The magazine funds, on the other hand, were severely cut, which resulted in Video-Uss Dendy to be split into two different magazines. The New one called Dendy: The New Reality just like TV show have only few issue, supposedly because of its' unreadable and near-psychedelic approach to page design. The other branch, titled Velikiy Drakon (also referred to as Great Dragon), remained operational up until 2003.
1996: Mir Dendy, animated short, eventual decline[edit | edit source]
After a while, the second season of Dendy: The New Reality turned into a weekly clip show, until it went off air completely, due to Suponev having contractual obligations with NTV. Because of that, Steepler gave the concept of a TV show about games another try, with Mir Dendy (The World of Dendy), hosted by Semyon Furman, a prolific theatre and film actor, and a much younger Anton Gvozdyov. After Suponev's very successful run as a host, the critical reception to Mir Dendy wasn't very positive. Suponev, however, was reinvited to the show once, to host the finals of the Steepler-funded Killer Instinct tournament. Nevertheless, the ratings for the show were really low, hence why Mir Dendy was pulled off the TV after only a few episodes.
A twelve-minute animated short titled "Adventures of Elephant Dendy" (Приключения слоненка Dendy) was produced by Argus International in 1996, under license from Steepler. The cartoon is about Dendy the Elephant fighting against criminal rats attacking the city. It is unknown where the short aired or how it was originally distributed.
Steepler Ltd. ceased all production of its' own this year, for no officially disclosed reason. The most reasonable explanation to what really happened, however, was provided by Forbes Magazine in 2004: after Steepler announced they got carte blanche to automate the Russian State Duma, they were threatened by the Federal Agency of Government Communications and Information. Said threat was followed by several key members of the company being heavily injured, complete with one of them being ran over by a car. Fearing for their lives, the remains of Steepler's board of directors decided to leave the country immediately.
Despite the fall of the giant, it was not the end yet. The Dendy company itself remained, continuing its activity in the sale of consoles. The assortment has been extended with such consoles as Sega Saturn. Dendy has also become an authorized Sony PlayStation dealer.
1997-1998 Fate of Dendy[edit | edit source]

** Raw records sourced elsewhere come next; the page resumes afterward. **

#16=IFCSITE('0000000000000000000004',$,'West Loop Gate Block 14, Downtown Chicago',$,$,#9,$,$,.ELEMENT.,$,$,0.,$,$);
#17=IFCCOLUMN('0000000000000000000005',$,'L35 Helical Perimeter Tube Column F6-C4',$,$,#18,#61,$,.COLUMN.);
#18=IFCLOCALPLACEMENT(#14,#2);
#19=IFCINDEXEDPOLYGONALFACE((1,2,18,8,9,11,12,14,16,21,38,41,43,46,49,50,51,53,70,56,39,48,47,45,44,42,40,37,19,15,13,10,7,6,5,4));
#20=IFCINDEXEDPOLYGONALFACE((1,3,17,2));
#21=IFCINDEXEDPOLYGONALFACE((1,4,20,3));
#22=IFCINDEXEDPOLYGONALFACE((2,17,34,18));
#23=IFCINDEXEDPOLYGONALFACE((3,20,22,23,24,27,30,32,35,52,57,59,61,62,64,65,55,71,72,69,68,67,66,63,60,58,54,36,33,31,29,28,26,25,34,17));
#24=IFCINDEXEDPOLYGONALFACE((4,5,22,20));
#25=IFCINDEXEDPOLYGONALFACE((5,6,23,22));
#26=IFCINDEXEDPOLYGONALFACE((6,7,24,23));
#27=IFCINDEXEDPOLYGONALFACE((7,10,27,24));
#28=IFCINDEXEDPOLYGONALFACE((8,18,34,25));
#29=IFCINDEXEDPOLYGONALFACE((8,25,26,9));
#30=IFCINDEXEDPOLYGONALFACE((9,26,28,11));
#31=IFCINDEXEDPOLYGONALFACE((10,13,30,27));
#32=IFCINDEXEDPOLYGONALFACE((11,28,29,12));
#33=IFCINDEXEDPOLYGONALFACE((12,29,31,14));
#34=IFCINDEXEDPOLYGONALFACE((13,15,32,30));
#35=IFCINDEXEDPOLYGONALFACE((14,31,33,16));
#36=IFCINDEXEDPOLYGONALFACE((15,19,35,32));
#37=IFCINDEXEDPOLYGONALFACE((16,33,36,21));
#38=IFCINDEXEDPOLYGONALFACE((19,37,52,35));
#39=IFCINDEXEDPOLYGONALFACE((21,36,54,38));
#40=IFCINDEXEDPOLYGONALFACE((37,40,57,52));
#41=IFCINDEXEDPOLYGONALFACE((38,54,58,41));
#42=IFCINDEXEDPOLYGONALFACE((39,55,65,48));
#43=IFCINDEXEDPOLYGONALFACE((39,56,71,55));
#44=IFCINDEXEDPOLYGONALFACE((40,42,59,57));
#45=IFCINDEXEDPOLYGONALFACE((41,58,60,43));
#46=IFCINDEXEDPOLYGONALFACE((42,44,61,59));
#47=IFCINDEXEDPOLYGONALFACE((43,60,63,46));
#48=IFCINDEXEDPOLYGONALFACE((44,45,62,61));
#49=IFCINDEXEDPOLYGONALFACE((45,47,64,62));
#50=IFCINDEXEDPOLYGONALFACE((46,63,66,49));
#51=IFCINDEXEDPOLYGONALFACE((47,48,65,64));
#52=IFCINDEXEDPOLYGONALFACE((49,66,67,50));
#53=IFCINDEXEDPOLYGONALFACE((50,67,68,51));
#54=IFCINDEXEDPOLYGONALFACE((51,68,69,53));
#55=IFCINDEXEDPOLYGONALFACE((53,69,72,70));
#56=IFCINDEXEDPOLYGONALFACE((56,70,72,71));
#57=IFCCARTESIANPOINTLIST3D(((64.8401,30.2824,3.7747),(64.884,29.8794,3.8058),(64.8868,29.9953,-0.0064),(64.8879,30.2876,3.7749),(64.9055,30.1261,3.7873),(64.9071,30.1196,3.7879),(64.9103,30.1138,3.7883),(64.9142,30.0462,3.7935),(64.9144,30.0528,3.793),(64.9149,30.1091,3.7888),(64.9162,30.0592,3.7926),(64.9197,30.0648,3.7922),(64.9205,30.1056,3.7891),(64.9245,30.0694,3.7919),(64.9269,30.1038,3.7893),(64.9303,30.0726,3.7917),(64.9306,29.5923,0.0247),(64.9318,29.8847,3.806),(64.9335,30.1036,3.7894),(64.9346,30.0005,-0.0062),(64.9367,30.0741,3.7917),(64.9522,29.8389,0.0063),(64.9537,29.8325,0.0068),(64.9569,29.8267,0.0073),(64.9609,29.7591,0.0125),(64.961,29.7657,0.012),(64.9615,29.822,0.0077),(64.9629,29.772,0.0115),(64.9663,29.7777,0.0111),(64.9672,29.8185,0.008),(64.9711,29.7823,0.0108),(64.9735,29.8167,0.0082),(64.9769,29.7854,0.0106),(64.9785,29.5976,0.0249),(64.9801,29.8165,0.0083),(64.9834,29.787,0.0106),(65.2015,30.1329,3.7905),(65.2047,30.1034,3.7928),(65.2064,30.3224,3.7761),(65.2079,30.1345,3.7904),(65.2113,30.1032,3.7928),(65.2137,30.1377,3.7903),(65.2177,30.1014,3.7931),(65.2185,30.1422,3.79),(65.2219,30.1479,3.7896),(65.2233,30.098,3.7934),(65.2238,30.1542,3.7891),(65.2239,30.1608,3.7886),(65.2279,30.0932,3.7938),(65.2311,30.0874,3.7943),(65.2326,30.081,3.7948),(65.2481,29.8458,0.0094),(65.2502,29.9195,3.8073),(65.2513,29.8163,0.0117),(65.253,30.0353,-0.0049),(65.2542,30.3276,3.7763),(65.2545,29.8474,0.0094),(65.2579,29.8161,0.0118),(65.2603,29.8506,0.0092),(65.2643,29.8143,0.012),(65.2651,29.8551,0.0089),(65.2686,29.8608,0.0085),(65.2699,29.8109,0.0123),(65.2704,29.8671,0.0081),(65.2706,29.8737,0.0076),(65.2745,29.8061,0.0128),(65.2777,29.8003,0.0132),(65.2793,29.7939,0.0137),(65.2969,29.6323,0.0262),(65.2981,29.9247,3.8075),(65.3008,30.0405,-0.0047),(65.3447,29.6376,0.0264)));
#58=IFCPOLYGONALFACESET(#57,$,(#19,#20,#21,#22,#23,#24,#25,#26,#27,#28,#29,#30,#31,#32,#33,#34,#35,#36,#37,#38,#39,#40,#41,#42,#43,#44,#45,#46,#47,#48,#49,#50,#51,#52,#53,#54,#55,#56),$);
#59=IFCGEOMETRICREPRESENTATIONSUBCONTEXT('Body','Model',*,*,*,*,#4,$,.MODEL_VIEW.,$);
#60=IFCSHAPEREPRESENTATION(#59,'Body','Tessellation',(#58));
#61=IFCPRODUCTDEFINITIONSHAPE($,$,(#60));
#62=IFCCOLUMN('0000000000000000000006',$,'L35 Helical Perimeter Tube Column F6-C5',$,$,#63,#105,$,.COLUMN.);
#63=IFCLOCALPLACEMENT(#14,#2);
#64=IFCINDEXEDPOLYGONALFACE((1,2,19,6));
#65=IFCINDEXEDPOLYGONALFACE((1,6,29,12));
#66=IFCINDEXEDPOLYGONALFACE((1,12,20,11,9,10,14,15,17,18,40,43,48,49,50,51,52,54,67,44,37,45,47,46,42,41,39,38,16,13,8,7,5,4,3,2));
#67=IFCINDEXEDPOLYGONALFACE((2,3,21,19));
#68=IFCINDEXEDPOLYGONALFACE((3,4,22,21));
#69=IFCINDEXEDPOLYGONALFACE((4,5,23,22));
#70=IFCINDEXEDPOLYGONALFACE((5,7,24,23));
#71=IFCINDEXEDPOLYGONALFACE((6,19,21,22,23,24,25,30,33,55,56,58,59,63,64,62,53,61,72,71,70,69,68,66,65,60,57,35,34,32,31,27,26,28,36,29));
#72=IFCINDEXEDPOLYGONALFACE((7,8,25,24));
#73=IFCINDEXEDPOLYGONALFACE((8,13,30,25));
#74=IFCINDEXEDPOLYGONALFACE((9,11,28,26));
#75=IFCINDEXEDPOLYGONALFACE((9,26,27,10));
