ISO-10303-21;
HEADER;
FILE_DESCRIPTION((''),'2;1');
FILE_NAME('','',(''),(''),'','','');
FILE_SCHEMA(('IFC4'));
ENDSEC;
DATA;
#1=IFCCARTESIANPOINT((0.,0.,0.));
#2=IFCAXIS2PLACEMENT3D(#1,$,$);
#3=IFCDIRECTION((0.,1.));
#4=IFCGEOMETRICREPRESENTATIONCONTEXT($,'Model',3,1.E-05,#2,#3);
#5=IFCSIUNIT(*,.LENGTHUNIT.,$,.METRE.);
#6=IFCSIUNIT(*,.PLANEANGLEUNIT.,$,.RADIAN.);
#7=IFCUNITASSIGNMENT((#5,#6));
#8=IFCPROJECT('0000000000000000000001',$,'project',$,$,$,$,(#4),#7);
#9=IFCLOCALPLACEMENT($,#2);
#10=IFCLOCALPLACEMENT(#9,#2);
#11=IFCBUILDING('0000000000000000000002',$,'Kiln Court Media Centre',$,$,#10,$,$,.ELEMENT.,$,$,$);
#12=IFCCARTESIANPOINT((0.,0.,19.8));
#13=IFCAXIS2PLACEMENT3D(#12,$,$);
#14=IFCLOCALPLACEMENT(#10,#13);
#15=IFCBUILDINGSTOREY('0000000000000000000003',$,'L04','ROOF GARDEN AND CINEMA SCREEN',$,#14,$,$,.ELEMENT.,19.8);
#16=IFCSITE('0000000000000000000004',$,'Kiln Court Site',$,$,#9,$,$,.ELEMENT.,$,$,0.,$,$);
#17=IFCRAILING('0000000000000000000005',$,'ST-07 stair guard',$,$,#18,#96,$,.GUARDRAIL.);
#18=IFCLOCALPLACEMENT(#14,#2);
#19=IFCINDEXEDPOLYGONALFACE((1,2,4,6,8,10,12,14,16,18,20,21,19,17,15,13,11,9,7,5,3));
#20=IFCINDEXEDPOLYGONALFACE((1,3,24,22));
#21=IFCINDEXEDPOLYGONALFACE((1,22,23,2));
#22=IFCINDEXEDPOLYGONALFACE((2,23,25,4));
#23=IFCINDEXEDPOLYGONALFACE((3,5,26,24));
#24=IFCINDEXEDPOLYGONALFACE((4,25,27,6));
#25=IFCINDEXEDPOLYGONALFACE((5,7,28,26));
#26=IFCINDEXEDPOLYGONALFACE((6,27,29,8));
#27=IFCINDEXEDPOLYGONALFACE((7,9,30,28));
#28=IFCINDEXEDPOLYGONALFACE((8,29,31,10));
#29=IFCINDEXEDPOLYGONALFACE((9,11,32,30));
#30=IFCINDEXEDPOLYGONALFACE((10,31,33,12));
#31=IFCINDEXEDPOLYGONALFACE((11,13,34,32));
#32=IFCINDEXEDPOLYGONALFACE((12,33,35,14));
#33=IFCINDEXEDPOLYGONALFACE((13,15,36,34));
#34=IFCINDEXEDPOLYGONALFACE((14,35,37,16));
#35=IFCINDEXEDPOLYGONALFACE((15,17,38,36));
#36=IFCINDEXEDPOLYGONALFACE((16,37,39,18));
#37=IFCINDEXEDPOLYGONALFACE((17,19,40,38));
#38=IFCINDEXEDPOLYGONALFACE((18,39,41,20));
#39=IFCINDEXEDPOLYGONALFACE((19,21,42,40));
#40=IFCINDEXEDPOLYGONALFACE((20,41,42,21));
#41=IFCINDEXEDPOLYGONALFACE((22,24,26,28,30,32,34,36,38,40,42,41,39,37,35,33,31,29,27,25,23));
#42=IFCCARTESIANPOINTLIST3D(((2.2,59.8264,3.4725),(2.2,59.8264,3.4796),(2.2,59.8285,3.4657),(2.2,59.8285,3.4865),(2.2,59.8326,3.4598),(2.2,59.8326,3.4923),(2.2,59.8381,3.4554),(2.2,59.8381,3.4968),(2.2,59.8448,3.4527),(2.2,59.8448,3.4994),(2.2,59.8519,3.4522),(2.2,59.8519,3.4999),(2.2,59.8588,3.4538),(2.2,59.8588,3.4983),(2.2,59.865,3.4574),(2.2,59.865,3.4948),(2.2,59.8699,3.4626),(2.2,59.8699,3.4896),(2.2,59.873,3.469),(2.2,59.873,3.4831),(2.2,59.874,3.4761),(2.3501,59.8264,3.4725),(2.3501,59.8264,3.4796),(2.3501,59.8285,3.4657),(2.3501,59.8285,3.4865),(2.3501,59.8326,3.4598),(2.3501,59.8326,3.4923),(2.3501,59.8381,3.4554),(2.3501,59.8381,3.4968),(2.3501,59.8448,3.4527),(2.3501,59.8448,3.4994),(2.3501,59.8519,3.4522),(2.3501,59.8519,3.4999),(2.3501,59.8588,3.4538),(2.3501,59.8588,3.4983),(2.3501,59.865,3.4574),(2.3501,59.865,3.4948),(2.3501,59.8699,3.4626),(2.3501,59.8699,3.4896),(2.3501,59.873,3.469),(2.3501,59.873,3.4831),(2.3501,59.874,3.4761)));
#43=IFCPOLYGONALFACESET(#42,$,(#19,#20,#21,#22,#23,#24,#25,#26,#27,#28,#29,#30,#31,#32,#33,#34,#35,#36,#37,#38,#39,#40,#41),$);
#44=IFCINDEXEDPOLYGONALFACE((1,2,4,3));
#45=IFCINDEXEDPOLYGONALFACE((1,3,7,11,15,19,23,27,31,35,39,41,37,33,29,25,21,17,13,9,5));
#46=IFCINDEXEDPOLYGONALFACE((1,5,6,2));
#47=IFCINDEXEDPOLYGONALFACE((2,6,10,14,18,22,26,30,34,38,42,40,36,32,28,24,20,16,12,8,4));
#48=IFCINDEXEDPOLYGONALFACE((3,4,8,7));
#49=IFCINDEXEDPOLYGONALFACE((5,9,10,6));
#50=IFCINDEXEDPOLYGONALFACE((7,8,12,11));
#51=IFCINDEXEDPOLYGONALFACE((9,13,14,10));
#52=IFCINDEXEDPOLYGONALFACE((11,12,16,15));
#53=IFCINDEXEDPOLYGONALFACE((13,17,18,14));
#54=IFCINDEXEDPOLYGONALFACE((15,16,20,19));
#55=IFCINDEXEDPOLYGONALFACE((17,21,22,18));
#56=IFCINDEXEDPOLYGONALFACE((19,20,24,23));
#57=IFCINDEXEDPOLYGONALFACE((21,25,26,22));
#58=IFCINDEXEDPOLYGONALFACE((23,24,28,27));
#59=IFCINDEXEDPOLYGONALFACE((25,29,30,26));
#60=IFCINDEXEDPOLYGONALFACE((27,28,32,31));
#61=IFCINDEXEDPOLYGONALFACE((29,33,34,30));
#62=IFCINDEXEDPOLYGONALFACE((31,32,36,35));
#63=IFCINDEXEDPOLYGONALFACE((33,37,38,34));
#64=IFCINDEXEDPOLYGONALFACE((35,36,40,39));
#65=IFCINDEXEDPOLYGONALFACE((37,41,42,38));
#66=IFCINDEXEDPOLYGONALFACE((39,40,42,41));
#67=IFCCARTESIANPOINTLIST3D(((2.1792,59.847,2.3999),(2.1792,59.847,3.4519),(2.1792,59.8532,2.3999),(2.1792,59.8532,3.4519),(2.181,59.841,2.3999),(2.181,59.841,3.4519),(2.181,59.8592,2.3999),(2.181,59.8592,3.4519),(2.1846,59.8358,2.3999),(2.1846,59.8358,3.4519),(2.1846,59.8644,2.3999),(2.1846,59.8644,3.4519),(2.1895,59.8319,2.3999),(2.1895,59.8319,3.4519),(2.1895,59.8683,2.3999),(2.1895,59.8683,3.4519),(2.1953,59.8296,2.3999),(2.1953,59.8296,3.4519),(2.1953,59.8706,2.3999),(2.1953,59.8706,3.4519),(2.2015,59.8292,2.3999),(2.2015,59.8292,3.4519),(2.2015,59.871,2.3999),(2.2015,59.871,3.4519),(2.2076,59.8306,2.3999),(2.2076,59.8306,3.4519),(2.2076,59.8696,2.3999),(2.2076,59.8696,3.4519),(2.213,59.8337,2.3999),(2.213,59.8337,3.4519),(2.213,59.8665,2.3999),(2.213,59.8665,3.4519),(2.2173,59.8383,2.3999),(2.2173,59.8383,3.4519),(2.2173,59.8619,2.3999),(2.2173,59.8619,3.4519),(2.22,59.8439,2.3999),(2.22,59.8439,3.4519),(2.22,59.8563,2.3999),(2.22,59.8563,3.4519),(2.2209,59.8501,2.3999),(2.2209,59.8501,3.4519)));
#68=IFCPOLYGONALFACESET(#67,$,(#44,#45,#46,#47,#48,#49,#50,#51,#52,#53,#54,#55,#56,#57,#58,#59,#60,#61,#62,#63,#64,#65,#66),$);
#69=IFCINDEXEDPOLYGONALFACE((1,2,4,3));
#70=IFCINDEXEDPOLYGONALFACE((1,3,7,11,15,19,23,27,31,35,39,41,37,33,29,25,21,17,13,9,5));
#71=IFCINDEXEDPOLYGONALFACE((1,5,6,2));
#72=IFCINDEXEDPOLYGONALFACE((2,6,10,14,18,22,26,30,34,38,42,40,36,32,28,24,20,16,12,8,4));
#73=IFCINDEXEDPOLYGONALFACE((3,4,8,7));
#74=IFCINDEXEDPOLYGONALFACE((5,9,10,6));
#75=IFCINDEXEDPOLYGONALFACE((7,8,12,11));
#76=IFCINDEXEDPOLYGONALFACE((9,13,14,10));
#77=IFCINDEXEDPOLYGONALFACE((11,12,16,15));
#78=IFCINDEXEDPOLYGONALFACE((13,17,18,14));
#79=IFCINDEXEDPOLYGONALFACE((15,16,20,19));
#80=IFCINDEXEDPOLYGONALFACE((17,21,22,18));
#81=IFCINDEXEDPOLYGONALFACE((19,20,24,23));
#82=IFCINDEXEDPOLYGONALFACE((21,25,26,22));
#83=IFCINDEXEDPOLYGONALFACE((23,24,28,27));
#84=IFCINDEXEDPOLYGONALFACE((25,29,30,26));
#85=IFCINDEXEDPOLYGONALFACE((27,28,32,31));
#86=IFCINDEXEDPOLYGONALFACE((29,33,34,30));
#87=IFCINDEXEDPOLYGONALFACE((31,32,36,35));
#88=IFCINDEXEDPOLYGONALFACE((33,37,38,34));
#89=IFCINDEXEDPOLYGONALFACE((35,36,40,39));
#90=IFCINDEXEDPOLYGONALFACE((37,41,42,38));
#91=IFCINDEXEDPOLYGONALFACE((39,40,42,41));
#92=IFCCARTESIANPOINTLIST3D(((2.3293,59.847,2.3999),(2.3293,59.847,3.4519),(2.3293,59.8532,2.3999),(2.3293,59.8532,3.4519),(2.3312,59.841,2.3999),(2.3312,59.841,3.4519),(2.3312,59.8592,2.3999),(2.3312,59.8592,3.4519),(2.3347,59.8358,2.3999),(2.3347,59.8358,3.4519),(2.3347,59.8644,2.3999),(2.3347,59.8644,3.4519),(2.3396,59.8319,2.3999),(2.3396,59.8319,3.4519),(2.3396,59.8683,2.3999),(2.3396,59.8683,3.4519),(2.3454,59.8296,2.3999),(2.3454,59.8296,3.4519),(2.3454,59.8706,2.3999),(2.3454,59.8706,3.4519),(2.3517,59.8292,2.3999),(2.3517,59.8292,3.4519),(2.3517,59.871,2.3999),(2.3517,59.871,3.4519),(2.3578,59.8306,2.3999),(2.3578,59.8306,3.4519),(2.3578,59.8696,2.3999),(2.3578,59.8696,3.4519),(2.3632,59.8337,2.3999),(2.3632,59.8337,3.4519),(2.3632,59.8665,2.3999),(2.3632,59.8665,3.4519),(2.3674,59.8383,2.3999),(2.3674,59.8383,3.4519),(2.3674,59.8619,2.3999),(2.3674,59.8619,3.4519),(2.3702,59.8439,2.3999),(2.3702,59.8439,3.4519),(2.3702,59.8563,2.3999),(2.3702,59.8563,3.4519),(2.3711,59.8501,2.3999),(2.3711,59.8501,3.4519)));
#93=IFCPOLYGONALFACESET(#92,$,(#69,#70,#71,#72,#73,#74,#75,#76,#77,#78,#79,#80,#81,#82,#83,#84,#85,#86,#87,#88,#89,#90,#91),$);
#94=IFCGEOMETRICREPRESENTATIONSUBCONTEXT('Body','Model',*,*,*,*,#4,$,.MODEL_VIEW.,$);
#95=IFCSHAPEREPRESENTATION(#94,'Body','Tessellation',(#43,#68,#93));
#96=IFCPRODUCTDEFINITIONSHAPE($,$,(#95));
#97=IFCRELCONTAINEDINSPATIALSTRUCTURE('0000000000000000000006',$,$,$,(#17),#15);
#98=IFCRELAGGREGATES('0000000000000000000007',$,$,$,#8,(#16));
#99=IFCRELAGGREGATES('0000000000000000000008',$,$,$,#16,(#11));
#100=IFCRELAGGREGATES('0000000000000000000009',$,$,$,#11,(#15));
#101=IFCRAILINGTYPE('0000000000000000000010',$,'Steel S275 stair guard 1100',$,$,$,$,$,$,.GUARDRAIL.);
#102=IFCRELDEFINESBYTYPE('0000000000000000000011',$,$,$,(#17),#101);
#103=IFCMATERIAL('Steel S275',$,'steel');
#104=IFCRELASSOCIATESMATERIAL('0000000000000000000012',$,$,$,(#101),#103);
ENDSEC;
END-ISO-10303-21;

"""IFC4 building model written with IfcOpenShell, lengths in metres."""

from ifc_helpers import new_model, si_unit, direction, frame, origin, origin_2d, place, context, subcontext, project, spatial, circle, extrude, material, type_object, element, save


model = new_model("IFC4")

# Units and contexts
model_context = context("Model", 3, precision=1e-05, world=origin(), true_north=direction((0.0, 1.0)))
body_context = subcontext(model_context, "Body", "Model", "MODEL_VIEW")
ifc_project = project(units=[si_unit("LENGTHUNIT", "METRE"), si_unit("PLANEANGLEUNIT", "RADIAN")], contexts=[model_context])

# Site, building, storey
site_placement = place(None, origin())
site = spatial("IfcSite", under=ifc_project, at=site_placement, Name="Kiln Court Site", CompositionType="ELEMENT", RefElevation=0.0)
building_placement = place(site_placement, origin())
building = spatial("IfcBuilding", under=site, at=building_placement, Name="Kiln Court Media Centre", CompositionType="ELEMENT")
storey_placement = place(building_placement, frame((0.0, 0.0, 19.8)))
storey = spatial("IfcBuildingStorey", under=building, at=storey_placement, Name="L04", Description="ROOF GARDEN AND CINEMA SCREEN", CompositionType="ELEMENT", Elevation=19.8)

# Railing
ifc_material_1 = material(Name="Steel S275", Category="steel")
railing_type_1 = type_object("IfcRailingType", Name="Steel S275 stair guard 1100", PredefinedType="GUARDRAIL", material=ifc_material_1)
railing_1_placement = place(storey_placement, frame((2.2, 59.8501, 2.3999)))
element("IfcRailing", 1, at=railing_1_placement, inside=storey, type_object=railing_type_1, Name="ST-07 stair guard", PredefinedType="GUARDRAIL", context=body_context, shape_type="SweptSolid", body=[
    extrude(circle(Radius=0.0239, at=origin_2d()), frame((0.0, 0.0, 1.0762), z_axis=(1.0, 0.0, 0.0), x_axis=(0.0, 1.0, 0.0)), (0.0, 0.0, 1.0), 0.1501),
    extrude(circle(Radius=0.021, at=origin_2d()), origin(), (0.0, 0.0, 1.0), 1.052),
    extrude(circle(Radius=0.021, at=origin_2d()), frame((0.1501, 0.0, 0.0)), (0.0, 0.0, 1.0), 1.052),
])

save(model, "model.ifc")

The company did not perform well. The number of sellers dropped drastically and brand stores were located only in Moscow now. In stores, in small quantities, Game Boy Pocket and Nintendo 64 appeared, but they did not gain much popularity. The last big undertaking was Bonza, a gambling game released by Dendy on Sega Mega Drive, Dendy and small special portable consoles. In 1998, the company collapsed due to the financial crisis in Russia.
Key people[edit | edit source]
Legacy[edit | edit source]
A surprising amount of Steepler's spin-off companies (or entities initially funded by them or lead by its' former employees) continue to operate today, with Steepler Graphic Center being the only one to be named after its' parent.
Products sold[edit | edit source]
Dendy series[edit | edit source]
- Dendy Classic
- Dendy Junior
Nintendo[edit | edit source]
- Super Nintendo Entertainment System (SNES)
- Game Boy
- Game Boy Pocket
- Nintendo 64
- The Virtual Boy was planned to be released by Steepler, but was canceled, as was all European distribution for the platform (due to its massive failure in other regions). However, the imported version could be purchased for a special order.
- Nintendo Entertainment System (NES)- Steepler also possessed the rights for the original NES, but chose not to release it due to being effectively identical to the Dendy.
Others[edit | edit source]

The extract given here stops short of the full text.